Darren Lum/THE VARSITY

The first weekend of June saw U of T’s first annual Tri-Campus BLUE 3 Hackathon competition take place. The event was housed at each campus’s technical innovation hubs and accelerators. The three-day competition took the teams of students and innovators from the community across U of T’s three main campuses, through the THE HUB at UTSC, and then to UTM’s I-CUBE, ending at DCSIL on the St. George campus.

Teams were comprised of an equal number of computer science students and students from other disciplines. Each team pitched their early-stage entrepreneurial ideas to a panel of expert judges and competitors. Start-up ideas all sought to develop high-impact solutions to everyday problems through a commercial approach. The challengers demonstrated a wide innovative range from a fun online social media tutoring platform, a global disease reporting database with live results, to wearable tech like jewellery.

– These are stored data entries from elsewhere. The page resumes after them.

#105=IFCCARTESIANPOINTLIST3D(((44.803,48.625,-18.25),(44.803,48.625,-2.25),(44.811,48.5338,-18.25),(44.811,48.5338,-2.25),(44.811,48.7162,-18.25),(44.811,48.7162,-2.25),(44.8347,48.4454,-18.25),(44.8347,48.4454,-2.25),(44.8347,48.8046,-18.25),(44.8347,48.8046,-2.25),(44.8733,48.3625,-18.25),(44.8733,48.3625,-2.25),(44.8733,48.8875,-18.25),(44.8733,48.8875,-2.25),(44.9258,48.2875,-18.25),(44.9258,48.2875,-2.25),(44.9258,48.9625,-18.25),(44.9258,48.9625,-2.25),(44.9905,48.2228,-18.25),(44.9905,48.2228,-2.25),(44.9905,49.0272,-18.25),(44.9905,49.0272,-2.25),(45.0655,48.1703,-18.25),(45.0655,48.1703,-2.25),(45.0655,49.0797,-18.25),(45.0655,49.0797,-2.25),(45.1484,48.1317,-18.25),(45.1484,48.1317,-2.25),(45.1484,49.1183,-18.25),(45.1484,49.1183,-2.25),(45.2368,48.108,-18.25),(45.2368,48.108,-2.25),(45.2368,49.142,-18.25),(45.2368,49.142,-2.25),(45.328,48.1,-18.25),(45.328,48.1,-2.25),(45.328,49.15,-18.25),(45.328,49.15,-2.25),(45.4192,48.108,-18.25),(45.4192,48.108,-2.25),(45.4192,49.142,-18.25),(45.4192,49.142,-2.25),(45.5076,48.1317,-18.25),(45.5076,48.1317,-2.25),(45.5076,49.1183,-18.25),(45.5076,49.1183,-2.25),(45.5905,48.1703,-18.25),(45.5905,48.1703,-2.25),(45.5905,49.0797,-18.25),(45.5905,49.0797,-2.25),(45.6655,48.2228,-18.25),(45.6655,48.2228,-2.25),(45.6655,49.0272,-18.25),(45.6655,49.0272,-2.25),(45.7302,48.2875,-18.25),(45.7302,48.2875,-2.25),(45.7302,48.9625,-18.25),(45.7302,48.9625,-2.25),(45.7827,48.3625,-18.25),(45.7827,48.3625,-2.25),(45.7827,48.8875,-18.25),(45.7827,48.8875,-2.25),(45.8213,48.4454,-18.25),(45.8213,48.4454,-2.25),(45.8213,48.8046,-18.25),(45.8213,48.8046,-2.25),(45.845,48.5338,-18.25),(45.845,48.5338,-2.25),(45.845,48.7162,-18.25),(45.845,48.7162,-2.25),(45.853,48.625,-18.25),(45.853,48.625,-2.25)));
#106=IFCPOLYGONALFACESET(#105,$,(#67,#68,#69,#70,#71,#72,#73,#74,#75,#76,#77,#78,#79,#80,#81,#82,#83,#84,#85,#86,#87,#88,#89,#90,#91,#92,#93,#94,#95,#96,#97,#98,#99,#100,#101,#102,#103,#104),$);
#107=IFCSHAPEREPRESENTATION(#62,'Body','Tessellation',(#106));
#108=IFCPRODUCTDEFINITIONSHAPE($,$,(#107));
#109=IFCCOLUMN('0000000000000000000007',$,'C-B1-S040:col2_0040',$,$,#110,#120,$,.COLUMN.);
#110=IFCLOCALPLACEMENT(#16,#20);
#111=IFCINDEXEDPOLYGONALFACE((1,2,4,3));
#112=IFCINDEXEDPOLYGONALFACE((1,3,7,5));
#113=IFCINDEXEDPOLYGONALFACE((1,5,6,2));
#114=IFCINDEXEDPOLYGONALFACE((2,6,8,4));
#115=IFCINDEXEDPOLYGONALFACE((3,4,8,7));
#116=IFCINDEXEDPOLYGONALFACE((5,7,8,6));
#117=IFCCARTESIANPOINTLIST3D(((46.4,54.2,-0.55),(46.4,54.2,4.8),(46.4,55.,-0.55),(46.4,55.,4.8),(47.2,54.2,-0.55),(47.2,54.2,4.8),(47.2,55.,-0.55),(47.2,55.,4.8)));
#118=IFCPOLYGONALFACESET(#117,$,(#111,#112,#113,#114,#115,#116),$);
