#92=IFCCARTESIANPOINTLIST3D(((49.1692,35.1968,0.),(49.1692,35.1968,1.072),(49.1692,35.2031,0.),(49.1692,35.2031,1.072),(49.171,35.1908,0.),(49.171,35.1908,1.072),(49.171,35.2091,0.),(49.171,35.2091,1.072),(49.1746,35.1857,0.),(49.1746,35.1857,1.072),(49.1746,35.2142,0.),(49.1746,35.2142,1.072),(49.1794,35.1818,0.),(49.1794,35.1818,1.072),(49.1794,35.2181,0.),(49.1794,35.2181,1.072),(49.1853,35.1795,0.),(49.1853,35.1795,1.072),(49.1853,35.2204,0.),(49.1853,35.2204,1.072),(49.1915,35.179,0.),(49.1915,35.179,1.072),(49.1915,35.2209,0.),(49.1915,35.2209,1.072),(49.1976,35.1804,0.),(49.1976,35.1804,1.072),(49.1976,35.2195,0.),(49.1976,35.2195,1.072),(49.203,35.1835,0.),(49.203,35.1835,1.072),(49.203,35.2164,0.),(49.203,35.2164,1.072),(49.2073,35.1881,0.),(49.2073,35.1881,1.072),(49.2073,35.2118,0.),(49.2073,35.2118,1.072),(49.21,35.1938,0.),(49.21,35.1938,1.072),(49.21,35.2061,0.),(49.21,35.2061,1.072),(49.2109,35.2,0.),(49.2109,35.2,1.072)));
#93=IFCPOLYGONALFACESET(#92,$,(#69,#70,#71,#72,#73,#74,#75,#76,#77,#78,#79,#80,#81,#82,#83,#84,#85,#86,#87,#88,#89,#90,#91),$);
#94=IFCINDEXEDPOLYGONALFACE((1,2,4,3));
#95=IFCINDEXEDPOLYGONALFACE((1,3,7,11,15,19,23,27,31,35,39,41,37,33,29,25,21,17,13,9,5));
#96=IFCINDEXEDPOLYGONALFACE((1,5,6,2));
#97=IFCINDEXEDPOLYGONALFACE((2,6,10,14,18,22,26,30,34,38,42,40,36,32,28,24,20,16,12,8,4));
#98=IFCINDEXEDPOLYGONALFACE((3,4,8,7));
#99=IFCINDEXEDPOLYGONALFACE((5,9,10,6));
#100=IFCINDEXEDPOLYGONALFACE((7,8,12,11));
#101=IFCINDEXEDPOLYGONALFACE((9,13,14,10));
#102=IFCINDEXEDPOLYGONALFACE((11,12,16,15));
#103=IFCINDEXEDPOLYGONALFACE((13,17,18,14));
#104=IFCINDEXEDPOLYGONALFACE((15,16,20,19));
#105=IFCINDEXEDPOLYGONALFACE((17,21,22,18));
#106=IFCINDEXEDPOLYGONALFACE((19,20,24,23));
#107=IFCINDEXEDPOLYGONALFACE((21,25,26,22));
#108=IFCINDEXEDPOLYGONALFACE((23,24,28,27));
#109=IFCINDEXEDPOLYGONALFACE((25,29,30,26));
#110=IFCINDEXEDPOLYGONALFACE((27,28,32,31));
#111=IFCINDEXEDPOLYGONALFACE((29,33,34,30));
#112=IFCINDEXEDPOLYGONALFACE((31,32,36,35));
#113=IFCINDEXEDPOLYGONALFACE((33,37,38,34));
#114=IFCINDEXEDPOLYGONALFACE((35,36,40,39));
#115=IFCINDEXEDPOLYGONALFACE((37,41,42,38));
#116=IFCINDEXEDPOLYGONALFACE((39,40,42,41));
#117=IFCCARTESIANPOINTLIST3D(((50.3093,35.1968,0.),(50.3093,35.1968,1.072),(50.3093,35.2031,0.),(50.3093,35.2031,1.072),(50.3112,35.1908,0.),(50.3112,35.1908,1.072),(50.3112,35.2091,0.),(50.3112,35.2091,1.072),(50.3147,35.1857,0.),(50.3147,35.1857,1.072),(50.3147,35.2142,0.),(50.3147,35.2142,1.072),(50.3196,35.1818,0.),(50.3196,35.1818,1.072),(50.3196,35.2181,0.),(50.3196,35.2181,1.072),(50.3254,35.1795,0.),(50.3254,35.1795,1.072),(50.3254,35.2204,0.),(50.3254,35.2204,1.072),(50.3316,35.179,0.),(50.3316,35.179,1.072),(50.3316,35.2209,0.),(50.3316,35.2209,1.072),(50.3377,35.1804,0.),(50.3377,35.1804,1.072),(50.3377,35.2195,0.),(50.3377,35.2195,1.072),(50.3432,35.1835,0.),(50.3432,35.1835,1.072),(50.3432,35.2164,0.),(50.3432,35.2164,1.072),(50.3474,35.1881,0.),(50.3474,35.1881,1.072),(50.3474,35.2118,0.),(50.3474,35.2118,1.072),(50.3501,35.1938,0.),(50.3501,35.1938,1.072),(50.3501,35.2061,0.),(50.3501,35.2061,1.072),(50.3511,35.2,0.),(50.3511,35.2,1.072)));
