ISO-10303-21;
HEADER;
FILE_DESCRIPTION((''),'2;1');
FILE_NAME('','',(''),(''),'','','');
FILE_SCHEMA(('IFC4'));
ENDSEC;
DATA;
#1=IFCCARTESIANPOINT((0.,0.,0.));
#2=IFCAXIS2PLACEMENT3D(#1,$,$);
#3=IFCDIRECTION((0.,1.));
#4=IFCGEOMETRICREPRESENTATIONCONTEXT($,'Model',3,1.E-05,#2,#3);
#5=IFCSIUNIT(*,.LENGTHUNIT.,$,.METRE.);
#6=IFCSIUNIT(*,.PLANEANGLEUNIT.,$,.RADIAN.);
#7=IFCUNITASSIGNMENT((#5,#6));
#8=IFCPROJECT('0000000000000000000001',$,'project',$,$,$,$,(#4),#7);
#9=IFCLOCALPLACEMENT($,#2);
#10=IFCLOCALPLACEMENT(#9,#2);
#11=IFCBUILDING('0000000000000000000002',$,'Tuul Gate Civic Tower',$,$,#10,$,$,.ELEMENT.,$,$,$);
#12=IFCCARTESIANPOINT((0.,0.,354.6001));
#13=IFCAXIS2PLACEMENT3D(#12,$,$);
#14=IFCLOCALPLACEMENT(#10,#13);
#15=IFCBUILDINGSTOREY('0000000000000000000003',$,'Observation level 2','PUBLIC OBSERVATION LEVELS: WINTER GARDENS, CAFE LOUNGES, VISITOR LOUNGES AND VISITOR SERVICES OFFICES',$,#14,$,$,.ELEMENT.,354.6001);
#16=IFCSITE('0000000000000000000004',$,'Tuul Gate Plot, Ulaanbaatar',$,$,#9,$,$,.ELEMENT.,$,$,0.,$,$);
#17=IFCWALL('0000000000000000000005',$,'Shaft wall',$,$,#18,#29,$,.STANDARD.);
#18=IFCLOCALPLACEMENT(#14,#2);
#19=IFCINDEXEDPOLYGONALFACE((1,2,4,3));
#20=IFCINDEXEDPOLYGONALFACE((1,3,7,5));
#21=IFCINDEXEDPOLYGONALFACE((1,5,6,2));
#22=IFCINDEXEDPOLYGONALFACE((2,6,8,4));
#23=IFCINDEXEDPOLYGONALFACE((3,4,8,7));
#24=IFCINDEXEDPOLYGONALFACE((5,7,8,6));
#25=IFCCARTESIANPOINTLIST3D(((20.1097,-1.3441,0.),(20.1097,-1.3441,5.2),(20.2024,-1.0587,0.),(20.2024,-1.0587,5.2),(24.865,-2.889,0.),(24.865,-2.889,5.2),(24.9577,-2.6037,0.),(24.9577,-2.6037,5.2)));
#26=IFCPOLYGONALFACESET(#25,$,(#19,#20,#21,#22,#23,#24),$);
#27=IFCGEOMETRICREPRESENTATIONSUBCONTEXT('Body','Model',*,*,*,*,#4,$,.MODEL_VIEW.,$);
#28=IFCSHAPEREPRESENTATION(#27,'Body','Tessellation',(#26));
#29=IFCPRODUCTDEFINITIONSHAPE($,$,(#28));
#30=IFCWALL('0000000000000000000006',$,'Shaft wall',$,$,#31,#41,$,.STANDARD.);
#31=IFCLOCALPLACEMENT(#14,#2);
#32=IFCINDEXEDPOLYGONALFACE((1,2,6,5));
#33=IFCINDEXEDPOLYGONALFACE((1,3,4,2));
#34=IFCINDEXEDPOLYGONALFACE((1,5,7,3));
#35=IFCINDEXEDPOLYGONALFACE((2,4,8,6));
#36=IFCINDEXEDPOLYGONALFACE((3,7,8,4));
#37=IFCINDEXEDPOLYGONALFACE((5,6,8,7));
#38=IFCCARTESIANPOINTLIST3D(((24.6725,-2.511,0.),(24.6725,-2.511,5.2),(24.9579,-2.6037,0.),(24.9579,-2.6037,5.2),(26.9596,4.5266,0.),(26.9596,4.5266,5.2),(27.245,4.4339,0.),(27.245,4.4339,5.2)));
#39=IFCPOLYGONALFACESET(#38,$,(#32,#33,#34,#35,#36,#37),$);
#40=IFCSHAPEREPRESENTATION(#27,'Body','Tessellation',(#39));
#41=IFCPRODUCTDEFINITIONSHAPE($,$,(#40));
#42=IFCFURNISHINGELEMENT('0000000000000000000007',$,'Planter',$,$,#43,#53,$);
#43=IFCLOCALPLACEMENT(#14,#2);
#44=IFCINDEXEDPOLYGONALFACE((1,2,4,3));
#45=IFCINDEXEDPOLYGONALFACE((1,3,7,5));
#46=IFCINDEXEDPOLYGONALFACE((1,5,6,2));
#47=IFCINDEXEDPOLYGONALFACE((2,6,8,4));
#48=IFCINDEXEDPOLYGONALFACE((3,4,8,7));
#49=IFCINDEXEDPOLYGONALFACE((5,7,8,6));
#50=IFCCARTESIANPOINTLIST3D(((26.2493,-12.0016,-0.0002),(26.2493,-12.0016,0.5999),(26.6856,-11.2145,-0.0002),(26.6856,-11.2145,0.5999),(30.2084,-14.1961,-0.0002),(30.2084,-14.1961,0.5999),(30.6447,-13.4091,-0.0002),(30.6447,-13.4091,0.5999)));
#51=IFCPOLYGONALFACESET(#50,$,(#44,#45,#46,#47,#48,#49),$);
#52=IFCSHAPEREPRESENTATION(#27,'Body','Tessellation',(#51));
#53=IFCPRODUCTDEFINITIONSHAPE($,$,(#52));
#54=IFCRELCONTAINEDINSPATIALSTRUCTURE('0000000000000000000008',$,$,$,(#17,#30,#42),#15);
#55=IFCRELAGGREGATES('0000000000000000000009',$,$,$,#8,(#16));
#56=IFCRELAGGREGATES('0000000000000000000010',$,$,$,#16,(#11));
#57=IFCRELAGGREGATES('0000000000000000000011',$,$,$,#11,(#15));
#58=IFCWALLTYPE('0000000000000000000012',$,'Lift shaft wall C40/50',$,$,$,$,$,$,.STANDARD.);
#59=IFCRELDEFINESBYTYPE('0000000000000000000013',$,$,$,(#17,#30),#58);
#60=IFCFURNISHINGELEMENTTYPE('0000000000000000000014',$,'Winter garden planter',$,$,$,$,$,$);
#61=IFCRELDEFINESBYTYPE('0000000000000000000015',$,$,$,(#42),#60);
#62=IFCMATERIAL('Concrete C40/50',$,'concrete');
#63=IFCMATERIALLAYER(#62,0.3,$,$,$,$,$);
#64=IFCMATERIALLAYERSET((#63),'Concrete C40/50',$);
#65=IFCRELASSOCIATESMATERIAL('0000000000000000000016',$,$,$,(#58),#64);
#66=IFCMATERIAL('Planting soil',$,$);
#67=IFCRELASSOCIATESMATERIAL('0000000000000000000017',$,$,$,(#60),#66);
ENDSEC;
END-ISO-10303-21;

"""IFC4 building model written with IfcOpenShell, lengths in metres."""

from ifc_helpers import new_model, si_unit, direction, frame, frame_2d, origin, origin_2d, place, context, subcontext, project, spatial, rectangle, extrude, material, layer, layer_set, type_object, element, save


model = new_model("IFC4")

# Units and contexts
model_context = context("Model", 3, precision=1e-05, world=origin(), true_north=direction((0.0, 1.0)))
body_context = subcontext(model_context, "Body", "Model", "MODEL_VIEW")
ifc_project = project(units=[si_unit("LENGTHUNIT", "METRE"), si_unit("PLANEANGLEUNIT", "RADIAN")], contexts=[model_context])

# Site, building, storey
site_placement = place(None, origin())
site = spatial("IfcSite", under=ifc_project, at=site_placement, Name="Tuul Gate Plot, Ulaanbaatar", CompositionType="ELEMENT", RefElevation=0.0)
building_placement = place(site_placement, origin())
building = spatial("IfcBuilding", under=site, at=building_placement, Name="Tuul Gate Civic Tower", CompositionType="ELEMENT")
storey_placement = place(building_placement, frame((0.0, 0.0, 354.6001)))
storey = spatial("IfcBuildingStorey", under=building, at=storey_placement, Name="Observation level 2", Description="PUBLIC OBSERVATION LEVELS: WINTER GARDENS, CAFE LOUNGES, VISITOR LOUNGES AND VISITOR SERVICES OFFICES", CompositionType="ELEMENT", Elevation=354.6001)

# Walls
ifc_material_1 = material(Name="Concrete C40/50", Category="concrete")
ifc_layer_1 = layer(ifc_material_1, 0.3)
ifc_layer_set_1 = layer_set([ifc_layer_1], Name="Concrete C40/50")
wall_type_1 = type_object("IfcWallType", Name="Lift shaft wall C40/50", PredefinedType="STANDARD", material=ifc_layer_set_1)
wall_1_placement = place(storey_placement, frame((24.9114, -2.7463, 0.0), z_axis=(0.0, 0.0, 1.0), x_axis=(-0.951068, 0.308982, 0.0)))
element("IfcWall", 1, at=wall_1_placement, inside=storey, type_object=wall_type_1, Name="Shaft wall", PredefinedType="STANDARD", context=body_context, shape_type="SweptSolid", body=[
    extrude(rectangle(XDim=5.0, YDim=0.3, at=frame_2d((2.5, 0.0))), origin(), (0.0, 0.0, 1.0), 5.2),
])
wall_2_placement = place(storey_placement, frame((24.8152, -2.5574, 0.0), z_axis=(0.0, 0.0, 1.0), x_axis=(0.309073, 0.951038, 0.0)))
element("IfcWall", 2, at=wall_2_placement, inside=storey, type_object=wall_type_1, Name="Shaft wall", PredefinedType="STANDARD", context=body_context, shape_type="SweptSolid", body=[
    extrude(rectangle(XDim=7.3999, YDim=0.3, at=frame_2d((3.7, 0.0))), origin(), (0.0, 0.0, 1.0), 5.2),
])

# Furnishing element
ifc_material_2 = material(Name="Planting soil")
furnishing_element_type = type_object("IfcFurnishingElementType", Name="Winter garden planter", material=ifc_material_2)
furnishing_placement = place(storey_placement, frame((28.447, -12.7053, -0.0002), z_axis=(0.0, 0.0, 1.0), x_axis=(0.874621, -0.484808, 0.0)))
element("IfcFurnishingElement", 3, at=furnishing_placement, inside=storey, type_object=furnishing_element_type, Name="Planter", context=body_context, shape_type="SweptSolid", body=[
    extrude(rectangle(XDim=4.5266, YDim=0.8999, at=origin_2d()), origin(), (0.0, 0.0, 1.0), 0.6001),
])

save(model, "model.ifc")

The groups presented their ideas to the judges, who provided constructive criticism and feedback on the group’s approach, and the level of passion, dedication, research, preparedness, technical know-how, and entrepreneurial aptitude displayed by the teams was impressive. The judges, then scrutinized feasibility, market research, and technical obstacles the challengers were meant to identify and address.

After deliberation, Anthony Nazarov, Maroof Moral, & Erica Tatham were crowned the winners, for their development of ParticipAid — a technology that would connect participants with researchers based on the participant’s preferences and personal health profile. The ParticipAid team wanted to create a platform that would enable altruistic participants to connect with researchers in a simple way, from the beginning of a research study to its end.

Darren Lum/THE VARSITY

Darren Lum/THE VARSITY

“We’ve developed a passion for wanting to get the public more interested in offering to participate in research studies, because there is a great deal of brilliant research happening in our city, especially at U of T and its affiliated hospitals and research networks,” says Maroof Moral, a U of T alumnus of Psychology, adding that, “When recruiting participants is the number-one bottleneck of the research process, it makes us want to do something about it. Participating in a research study is a great way to get involved in your local scientific community, [and] give back to a noble cause.”

The ParticipAid team won Mastercard gift cards to assist with furthering their project, and won the unique opportunity to present their project to Innovators from the 2015 Intelligent Community Forum Summit the following day.

In second place were: Vicky Bukta, Joseph Gordon with OSHI — an idea that combines existing technologies to create a personalized loyalty program for consumers through personalized discount offerings. In third were Ahmad Khan, Teri Fallowfield, and Mishal Arif, who pioneered Ecoden, which is an indoor space-saving gardening technology tailored to apartment dwellers who wish to enjoy fresh, organic, and sustainable food options.

The BLUE 3 Hackathon was the brainchild of Helen Kontozopoulos and Mario Grech, Directors & Co-Founders of the Department of Computer Science Innovation Lab (DCSIL) on the St. George campus. The Hackathon was open to students, alumni, and community experts, fusing a knowledge base that spanned a number of subjects, in order to create innovative and field-specific software. “We were encouraged to participate by our professors Helen and Mario. We were working on an idea for the past couple weeks and thought it would be [a] great idea to take advantage of the mentorship to help solidify our idea, and business plan.” said Vicky Bukta, a computer science student, who along with her partner Joseph Gordon, presented OSHI.

Darren Lum/THE VARSITY

Darren Lum/THE VARSITY

The event was designed to be a venue that showcased an existing business innovation by means of a group presentation. “We’ve had a start-up idea for a year now, and have been working on it in our spare time, juggling our studies and day job,” said Moral, adding that, “When we heard about the U of T Tri-campus Hackathon, we decided this would be a nice challenge for us to put our idea to the test… Just having an event like this in the U of T student and alumni community means a lot to us… To know that our university supports and encourages this kind of forward-thinking, entrepreneurial mindset just adds to our inspiration and confidence to pursue our dreams.”

The event offered many, the opportunity to get perspective, feedback, and support. As Mishal Arif from EcoDen pointed out, the most valuable aspect of the competition was “definitely the feedback, recognition and encouragement… To have the undivided attention of such an experienced and knowledgeable panel of judges — even if for only five minutes — meant the world to us.”

When asked if they had any words for students, the ParticipAid team commented, “Today it’s really easy to achieve your goals. If you have an idea, it’s easier to make it tangible… While you’re a student it is the perfect time to take chances. Instead of doing an internship, why not do your own things since these experiences can be as rich, if not more than, a summer internship.”

This fall, DCSIL is opening its Arts & Science Entrepreneurship Program (ASEP) to all students. Those with innovative drives are encouraged to apply.